Quindi debbo desumere che in pratica, subito prima di avviare la realizzazione dell’album, eravate una sorta di entità virtuale.
Non proprio. Entrambi suonavamo assieme in un’altra band, e il nostro nuovo progetto si è evoluto, almeno a livello teorico, in parallelo alla passione di Gabriele per computer e registratori. Abbiamo iniziato a giocare con queste macchine, e quando il vecchio gruppo si è sciolto abbiamo proseguito i nostri “giochi” in modo più serio. Morgan ci segue da sempre, ci conoscevamo già da prima.
Con Morgan condividete questa passione ai limiti del morboso per gli anni ‘80: una cosa abbastanza strana, visto che quel periodo lo avete vissuto da giovanissimi.
A metà ‘80, quando abbiamo comprato i primi dischi, frequentavamo le scuole medie, e perciò i nostri ricordi di quei tempi sono comunque di prima mano. Magari alcuni dei protagonisti dell’epoca, tipo i Depeche Mode o i Cure, li abbiamo scoperti in un secondo tempo, ma ci hanno affascinato in modo tale da spingerci a cercare anche le loro vecchie cose e a documentarci sul loro passato. Però ci teniamo a precisare che dedicarci a musica derivata da quella dello scorso decennio ci viene assolutamente naturale: nei Soerba non c’è alcun intento revivalista, e il nostro obiettivo non è riprodurre fedelmente le formule sonore di dieci/quindici anni fa.
Anche il vostro approccio alla tecnologia è istintivo, oppure “studiate” parecchio?
In questo siamo diversi. Io (Luca, NdI) penso più che altro a comporre i pezzi, limitando al minimo indispensabile l’utilizzo di computer e tastiere; il vero esperto del campo è Gabriele, che aggiunge tutte le sue parti. Il compito di Morgan è invece quello di mettere un po’ d’ordine nell’insieme e lavorare sui suoni.
Tra i punti di forza di Playback ci sono di sicuro le liriche, sia per il modo bizzarro con il quale sono costruite e sia per come vengono cantate.
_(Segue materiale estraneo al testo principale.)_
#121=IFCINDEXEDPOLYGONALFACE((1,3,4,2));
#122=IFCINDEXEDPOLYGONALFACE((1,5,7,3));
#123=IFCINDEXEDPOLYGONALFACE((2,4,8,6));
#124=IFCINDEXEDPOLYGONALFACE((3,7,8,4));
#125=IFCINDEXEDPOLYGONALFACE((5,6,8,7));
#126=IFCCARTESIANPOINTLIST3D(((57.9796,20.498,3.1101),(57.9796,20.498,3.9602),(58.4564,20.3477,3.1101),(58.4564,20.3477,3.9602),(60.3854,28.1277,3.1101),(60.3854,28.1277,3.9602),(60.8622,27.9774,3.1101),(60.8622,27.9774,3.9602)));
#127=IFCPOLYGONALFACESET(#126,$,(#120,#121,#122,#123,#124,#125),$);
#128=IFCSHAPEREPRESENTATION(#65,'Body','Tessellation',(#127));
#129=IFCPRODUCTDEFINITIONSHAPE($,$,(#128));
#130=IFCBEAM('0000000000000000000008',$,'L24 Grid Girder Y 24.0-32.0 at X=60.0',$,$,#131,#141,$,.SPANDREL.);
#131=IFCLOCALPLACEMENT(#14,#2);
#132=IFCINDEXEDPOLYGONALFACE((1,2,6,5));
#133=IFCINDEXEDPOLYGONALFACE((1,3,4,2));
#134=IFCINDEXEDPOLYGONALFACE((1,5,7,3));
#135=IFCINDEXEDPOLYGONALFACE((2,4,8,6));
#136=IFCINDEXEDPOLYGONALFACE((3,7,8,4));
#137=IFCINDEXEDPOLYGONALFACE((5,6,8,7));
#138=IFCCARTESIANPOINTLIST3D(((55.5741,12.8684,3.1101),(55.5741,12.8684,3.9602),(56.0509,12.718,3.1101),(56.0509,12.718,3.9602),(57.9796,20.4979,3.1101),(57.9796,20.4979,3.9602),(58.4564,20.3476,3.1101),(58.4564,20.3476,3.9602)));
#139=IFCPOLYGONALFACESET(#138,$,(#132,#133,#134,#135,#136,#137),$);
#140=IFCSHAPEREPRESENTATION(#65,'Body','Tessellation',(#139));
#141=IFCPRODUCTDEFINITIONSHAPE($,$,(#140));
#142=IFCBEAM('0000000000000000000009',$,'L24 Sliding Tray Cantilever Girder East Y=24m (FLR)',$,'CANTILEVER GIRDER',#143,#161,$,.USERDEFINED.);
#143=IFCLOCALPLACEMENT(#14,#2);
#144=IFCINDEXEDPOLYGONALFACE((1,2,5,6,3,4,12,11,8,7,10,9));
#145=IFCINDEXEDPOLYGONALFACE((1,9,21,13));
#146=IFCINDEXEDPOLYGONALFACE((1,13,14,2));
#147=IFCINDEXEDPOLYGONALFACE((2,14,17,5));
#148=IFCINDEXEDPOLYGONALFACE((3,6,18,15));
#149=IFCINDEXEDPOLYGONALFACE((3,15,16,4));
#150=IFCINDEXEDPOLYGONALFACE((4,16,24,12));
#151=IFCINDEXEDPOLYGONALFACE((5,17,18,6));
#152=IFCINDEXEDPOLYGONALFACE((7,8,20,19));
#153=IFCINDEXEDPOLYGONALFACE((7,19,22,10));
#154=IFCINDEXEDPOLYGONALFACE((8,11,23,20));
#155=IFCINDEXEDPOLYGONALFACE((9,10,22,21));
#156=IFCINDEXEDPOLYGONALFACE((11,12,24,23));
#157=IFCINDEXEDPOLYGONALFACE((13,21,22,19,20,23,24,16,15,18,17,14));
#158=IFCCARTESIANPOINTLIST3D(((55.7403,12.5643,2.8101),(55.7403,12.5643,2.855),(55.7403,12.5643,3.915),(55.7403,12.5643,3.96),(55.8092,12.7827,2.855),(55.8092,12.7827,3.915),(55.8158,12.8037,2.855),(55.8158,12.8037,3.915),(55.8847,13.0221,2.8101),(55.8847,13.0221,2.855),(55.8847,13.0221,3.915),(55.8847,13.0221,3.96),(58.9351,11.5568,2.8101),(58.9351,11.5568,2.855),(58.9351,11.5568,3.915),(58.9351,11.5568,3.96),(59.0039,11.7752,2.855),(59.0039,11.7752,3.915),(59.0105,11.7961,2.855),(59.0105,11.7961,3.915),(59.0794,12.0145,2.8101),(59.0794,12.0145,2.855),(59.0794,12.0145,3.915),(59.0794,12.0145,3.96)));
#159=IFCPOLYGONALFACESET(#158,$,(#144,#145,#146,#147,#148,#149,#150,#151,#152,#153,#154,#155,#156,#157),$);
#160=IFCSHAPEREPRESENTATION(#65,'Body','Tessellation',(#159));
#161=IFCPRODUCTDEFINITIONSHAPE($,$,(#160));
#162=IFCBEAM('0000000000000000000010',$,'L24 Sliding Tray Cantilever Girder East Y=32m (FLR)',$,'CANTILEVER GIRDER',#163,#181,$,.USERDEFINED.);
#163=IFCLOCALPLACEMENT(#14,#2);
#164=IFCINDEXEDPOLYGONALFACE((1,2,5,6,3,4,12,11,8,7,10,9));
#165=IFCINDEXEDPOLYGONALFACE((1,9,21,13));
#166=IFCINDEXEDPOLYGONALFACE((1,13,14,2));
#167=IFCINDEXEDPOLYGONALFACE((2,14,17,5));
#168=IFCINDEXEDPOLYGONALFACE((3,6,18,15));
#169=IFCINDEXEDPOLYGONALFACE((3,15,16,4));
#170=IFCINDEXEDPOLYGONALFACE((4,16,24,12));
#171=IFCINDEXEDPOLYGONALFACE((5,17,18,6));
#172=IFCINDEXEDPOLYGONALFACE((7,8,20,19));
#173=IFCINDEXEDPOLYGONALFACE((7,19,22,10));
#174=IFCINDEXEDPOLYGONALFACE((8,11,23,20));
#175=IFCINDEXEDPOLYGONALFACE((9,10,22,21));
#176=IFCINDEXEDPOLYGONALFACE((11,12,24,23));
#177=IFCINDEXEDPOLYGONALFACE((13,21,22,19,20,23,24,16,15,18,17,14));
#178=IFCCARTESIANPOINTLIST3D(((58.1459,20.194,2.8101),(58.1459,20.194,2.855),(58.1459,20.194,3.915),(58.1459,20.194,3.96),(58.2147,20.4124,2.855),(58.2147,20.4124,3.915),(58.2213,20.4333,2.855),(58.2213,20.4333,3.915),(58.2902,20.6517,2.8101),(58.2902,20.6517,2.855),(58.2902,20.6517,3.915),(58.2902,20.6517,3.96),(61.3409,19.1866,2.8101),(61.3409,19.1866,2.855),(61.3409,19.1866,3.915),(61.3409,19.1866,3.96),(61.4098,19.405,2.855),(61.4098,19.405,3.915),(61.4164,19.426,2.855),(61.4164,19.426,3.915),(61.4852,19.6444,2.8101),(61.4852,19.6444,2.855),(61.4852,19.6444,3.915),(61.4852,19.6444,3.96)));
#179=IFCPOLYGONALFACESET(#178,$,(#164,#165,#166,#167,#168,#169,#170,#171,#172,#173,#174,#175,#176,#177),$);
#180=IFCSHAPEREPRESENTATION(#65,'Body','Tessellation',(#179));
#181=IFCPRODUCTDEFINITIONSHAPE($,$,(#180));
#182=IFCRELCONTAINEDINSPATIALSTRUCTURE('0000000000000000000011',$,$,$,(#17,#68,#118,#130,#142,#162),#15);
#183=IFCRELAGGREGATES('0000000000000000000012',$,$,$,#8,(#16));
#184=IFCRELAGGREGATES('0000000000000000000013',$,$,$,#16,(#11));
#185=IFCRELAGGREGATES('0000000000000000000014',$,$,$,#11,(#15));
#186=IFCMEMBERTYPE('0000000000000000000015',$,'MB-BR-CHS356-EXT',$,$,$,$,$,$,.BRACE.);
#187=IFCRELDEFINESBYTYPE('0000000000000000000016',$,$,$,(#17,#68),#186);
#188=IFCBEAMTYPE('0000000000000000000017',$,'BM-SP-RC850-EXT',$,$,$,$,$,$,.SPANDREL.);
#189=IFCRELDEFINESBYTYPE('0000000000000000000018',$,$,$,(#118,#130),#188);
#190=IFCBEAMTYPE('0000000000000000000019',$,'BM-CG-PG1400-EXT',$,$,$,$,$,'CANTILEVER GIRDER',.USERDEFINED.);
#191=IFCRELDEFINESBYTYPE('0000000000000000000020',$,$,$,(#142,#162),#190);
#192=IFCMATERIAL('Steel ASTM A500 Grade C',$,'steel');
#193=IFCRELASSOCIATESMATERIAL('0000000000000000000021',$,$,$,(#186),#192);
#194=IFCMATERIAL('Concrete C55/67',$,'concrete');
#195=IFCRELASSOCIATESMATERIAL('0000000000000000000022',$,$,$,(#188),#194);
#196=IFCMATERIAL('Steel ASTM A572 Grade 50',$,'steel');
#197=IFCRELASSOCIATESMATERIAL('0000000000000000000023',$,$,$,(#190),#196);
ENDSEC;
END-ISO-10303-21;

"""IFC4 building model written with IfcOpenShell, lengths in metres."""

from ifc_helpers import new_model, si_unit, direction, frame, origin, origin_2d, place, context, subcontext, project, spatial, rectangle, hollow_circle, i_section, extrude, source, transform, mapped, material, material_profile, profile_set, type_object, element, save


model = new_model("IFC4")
Luca, tu che ne sei l’autore, cosa puoi dirci di più?
Nascono in maniera differente. Alcuni partono da una frase che mi gira in testa, magari suggeritami involontariamente da qualche amico, attorno alla quale invento il resto. Io scrivo del mondo che mi circonda, non vado oltre: I Am Happy, per fare un esempio, è stata una specie di reazione opposta all’atteggiamento forzatamente triste dei miei amici, che un giorno erano lì a lamentarsi collettivamente di come non si divertivano e di come si stavano rompendo le palle.
A proposito del pezzo, la strofa “mi sento più allegro quando ascolto una canzone senza spessore” riflette una situazione reale?
Sì, è così. Un pezzo come quello di Niccolò Fabi e Max Gazzé, che è davvero leggerino, mi mette allegria. Svegliarmi con una melodia facile nelle orecchie mi mette di buon umore.
Ma cos’è, per te, lo “spessore”?
Il contrario di leggerezza. Una canzone senza spessore è una canzoncina leggera, dove l’aggettivo può anche essere inteso tra virgolette.
Anche i Soerba sono senza spessore, o avete un “messaggio”?
No, i Soerba sono più “pesi”: è vero che i nostri testi sono infarciti di luoghi comuni, ma il loro utilizzo avviene in modo consapevole. Parlare di messaggio è forse eccessivo, diciamo che la nostra è una lotta a essere meno presuntuosi possibile, anche se poi qualcosa scappa comunque.
A giudicare dai primi segnali, i Soerba possono arrivare da qualche parte?
Finora l’unico indizio concreto è arrivato dalle radio: I Am Happy ha ottenuto molta programmazione, in qualche modo è una piccola hit. Tra l’altro è stato proprio questo brano a farci ottenere il contratto dalla Mercury: prima, pur avendo ascoltato tutti i nostri provini, non si erano mai sbilanciati.
Come intendete regolarvi per quanto riguarda l’aspetto live?
È una cosa alla quale teniamo parecchio. Per i concerti l’organico comprende anche Stefano Floriello, che faceva parte dei Rapsodia, alla batteria e al synth, e Raffaele Battista, chitarra e seconda voce. Il vero battesimo del palco, con un’esibizione della durata di un’ora, lo avremo a Riccione il 15 di agosto, quando ci esibiremo assieme a Mao e Bluvertigo.
Tratto da Il Mucchio Selvaggio n.314 del 14 luglio 1998

Annunci
Categorie: interviste | Tag: | 1 commento

Navigazione articolo

Un pensiero su “Soerba

  1. Mh! Devo ripescarli… Per curiosità!

Rispondi

Inserisci i tuoi dati qui sotto o clicca su un'icona per effettuare l'accesso:

Logo WordPress.com

Stai commentando usando il tuo account WordPress.com. Chiudi sessione / Modifica )

Foto Twitter

Stai commentando usando il tuo account Twitter. Chiudi sessione / Modifica )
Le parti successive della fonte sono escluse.